His thoughts moved quickly, filtering through possibilities, comparing structures, evaluating terrain, access routes, defensive potential, expansion capacity — not as scattered considerations, but as a single, continuous calculation.

And then the answer surfaced.

Trumbull County Fairgrounds.

The alignment was immediate.

Large-scale infrastructure.

Open space for controlled expansion.

Multiple access points that could be secured and restructured.

And more importantly—

Nearby military installations.

Not intact.

Not fully operational.

But present.

Which meant potential.

Civilian shelters could survive.

But integrated structures could endure.

Alexander shifted direction without hesitation, his movement steady and controlled as he left the road behind, stepping into overgrown terrain that bore the quiet signs of recent disturbance — subtle indicators of movement, of activity, of a world that was far from empty despite its silence.

He moved through it without slowing, his awareness extending beyond sight alone, tracking patterns, anticipating presence, but never breaking rhythm.

The Fairgrounds revealed themselves gradually, their scale becoming more apparent with proximity, fences and open areas giving way to scattered buildings that already suggested far more potential than anything he had passed before.

But he did not stop at the perimeter.

Instead, he entered without hesitation, his gaze already mapping the space, identifying weaknesses, visualizing reinforcements, calculating how this incomplete structure could be reshaped into something far more stable.

And then he saw it.

The adjacent zone.

Military remnants.

Barracks, storage, defensive structures — worn, partially abandoned, but intact enough to serve as the backbone of something far greater than their current state suggested.

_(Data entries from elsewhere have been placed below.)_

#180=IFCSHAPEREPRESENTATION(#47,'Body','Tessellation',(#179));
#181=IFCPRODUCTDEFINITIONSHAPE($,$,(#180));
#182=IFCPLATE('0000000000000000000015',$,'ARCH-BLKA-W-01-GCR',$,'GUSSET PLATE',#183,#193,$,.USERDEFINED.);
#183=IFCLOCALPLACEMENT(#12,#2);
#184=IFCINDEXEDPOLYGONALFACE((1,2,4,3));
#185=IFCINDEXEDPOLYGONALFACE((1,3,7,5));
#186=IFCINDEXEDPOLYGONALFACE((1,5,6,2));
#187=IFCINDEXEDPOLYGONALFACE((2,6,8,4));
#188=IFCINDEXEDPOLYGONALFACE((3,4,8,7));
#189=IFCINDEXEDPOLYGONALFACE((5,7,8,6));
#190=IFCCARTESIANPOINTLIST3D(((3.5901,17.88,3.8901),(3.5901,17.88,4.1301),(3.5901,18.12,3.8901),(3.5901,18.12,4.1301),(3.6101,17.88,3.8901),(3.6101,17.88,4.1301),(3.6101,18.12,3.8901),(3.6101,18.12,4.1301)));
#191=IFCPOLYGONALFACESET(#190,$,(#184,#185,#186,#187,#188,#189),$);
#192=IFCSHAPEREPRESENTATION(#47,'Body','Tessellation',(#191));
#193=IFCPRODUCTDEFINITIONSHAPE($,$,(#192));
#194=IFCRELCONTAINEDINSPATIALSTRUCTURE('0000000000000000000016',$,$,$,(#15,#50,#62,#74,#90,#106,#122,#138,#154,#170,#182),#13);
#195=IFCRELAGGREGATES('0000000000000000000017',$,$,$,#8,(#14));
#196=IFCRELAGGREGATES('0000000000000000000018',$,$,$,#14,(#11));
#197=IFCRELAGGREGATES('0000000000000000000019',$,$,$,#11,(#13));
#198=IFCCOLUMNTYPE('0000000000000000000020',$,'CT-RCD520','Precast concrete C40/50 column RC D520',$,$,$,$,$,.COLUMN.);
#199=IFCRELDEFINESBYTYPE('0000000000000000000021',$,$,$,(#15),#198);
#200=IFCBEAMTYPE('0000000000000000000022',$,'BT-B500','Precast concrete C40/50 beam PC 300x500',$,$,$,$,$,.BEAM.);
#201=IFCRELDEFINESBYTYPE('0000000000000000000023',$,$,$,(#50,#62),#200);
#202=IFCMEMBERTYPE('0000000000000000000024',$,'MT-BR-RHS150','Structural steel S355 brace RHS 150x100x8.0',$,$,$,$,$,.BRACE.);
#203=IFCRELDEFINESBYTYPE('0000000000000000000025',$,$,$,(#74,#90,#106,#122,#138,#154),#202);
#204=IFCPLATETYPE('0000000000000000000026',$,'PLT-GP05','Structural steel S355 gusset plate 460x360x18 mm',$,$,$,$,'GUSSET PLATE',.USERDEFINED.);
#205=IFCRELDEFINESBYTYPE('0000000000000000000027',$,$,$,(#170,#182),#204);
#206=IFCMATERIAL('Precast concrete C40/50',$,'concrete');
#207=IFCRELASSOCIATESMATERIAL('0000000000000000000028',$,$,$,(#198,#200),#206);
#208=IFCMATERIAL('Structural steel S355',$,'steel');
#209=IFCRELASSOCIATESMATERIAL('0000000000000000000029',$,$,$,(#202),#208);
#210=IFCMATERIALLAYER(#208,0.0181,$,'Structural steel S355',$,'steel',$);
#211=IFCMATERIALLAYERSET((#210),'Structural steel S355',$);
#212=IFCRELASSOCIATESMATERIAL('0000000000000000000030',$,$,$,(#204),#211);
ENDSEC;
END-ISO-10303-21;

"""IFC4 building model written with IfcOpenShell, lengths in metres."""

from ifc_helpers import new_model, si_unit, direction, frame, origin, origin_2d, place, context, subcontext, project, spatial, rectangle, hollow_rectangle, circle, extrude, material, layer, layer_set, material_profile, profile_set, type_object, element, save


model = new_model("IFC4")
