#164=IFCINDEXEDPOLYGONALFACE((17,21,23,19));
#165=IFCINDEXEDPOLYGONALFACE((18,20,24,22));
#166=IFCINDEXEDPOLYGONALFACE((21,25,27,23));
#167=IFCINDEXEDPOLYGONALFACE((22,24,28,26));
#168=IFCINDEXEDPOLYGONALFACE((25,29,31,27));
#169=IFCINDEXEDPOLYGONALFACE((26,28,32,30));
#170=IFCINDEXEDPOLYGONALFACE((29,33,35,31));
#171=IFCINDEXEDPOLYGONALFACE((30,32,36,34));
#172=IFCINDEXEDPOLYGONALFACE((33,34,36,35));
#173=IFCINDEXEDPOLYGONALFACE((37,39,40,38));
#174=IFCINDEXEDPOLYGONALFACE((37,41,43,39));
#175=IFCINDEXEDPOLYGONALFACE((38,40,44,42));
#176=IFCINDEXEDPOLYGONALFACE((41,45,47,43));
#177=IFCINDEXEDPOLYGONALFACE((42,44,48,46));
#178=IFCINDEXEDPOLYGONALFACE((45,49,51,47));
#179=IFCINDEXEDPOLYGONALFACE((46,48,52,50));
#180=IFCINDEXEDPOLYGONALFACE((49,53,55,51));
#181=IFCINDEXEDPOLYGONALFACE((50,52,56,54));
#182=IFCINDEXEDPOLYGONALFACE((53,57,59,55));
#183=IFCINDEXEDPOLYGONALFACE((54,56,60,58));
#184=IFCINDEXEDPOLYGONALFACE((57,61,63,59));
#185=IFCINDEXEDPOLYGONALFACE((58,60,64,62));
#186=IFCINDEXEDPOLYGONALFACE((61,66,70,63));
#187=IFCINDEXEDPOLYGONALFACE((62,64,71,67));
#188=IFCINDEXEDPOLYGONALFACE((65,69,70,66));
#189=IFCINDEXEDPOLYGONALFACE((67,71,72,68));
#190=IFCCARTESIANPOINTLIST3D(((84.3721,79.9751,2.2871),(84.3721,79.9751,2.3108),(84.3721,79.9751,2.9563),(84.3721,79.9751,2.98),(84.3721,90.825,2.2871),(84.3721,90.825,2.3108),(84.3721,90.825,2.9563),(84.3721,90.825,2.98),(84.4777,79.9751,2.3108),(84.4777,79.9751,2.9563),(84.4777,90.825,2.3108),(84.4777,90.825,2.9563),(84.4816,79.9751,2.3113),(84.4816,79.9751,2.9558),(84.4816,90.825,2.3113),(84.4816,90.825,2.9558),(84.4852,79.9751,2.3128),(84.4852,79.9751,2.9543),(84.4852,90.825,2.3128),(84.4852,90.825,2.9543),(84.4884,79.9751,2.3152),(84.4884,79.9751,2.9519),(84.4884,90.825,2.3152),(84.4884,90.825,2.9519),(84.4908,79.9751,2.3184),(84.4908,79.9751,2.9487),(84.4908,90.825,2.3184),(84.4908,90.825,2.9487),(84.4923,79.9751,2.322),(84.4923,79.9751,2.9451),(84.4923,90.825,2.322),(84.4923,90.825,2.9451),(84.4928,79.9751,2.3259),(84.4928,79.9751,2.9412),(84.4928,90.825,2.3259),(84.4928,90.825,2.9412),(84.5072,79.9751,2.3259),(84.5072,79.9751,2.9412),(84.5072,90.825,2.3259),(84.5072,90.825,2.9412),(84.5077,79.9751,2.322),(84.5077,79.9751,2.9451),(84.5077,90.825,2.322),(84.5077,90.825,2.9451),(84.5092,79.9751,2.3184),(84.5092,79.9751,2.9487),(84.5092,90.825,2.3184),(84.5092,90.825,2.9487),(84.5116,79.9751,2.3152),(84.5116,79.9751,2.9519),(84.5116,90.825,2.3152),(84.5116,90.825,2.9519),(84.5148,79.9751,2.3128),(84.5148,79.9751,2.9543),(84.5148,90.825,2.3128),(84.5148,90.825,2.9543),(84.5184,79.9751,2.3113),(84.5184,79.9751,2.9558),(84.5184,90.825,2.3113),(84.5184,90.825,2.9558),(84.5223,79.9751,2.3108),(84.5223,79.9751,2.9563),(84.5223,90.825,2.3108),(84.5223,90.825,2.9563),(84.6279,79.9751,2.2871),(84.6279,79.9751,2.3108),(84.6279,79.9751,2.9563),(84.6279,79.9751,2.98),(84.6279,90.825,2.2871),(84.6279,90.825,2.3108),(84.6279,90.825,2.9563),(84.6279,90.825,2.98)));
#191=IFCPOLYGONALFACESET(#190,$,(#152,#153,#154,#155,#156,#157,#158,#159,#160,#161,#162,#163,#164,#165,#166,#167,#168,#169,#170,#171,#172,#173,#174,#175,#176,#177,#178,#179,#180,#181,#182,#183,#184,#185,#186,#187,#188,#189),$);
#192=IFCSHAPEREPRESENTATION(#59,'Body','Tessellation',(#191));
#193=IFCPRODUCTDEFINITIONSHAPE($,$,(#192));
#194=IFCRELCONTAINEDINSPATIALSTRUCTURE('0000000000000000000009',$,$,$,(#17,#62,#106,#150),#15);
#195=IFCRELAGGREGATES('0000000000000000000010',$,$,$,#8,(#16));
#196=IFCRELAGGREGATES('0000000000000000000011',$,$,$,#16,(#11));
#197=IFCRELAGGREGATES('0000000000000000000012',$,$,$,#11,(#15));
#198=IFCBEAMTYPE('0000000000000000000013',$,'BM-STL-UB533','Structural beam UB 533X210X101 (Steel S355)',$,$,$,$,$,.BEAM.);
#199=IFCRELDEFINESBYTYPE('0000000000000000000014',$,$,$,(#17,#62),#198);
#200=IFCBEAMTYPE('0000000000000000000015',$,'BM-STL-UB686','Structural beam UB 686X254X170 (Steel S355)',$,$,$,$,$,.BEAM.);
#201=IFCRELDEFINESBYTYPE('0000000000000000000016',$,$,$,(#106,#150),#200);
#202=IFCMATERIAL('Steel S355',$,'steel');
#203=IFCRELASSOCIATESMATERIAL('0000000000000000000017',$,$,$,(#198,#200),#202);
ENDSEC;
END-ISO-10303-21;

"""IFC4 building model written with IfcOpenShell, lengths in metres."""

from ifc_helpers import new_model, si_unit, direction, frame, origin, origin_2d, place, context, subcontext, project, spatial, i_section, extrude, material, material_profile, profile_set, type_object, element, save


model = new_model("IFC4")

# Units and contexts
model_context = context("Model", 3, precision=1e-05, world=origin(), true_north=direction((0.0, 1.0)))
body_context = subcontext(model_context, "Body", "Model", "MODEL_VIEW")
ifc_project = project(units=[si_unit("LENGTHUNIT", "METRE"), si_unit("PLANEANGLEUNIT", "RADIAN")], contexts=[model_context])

A slow shift settled into his expression, not satisfaction, but recognition.

This was not just a shelter.

It was a foundation.

A base that could be expanded, reinforced, and unified into a single, cohesive stronghold capable of sustaining not just survival, but growth.

His mind was already restructuring it, merging civilian and military layouts into one continuous system, reinforcing weak points, redefining boundaries, shaping it into something that would not collapse under pressure.

"…This will do," he said quietly, though the certainty behind the words left no room for doubt.

Three months.

That was all that was required.

But as he stood there, looking over what would soon become the center of this mission, one thing was already clear.

This place would not simply survive.

It would thrive.

Because this time, there would be no hesitation, no fragmentation, no slow descent into instability.

Only structure.

Only direction.

Only control.

And with that quiet certainty settling firmly into place, Magnus Alexander Greywald stepped fully into the Fairgrounds, no longer as a man entering an uncertain refuge, but as the one who would transform it into something entirely new.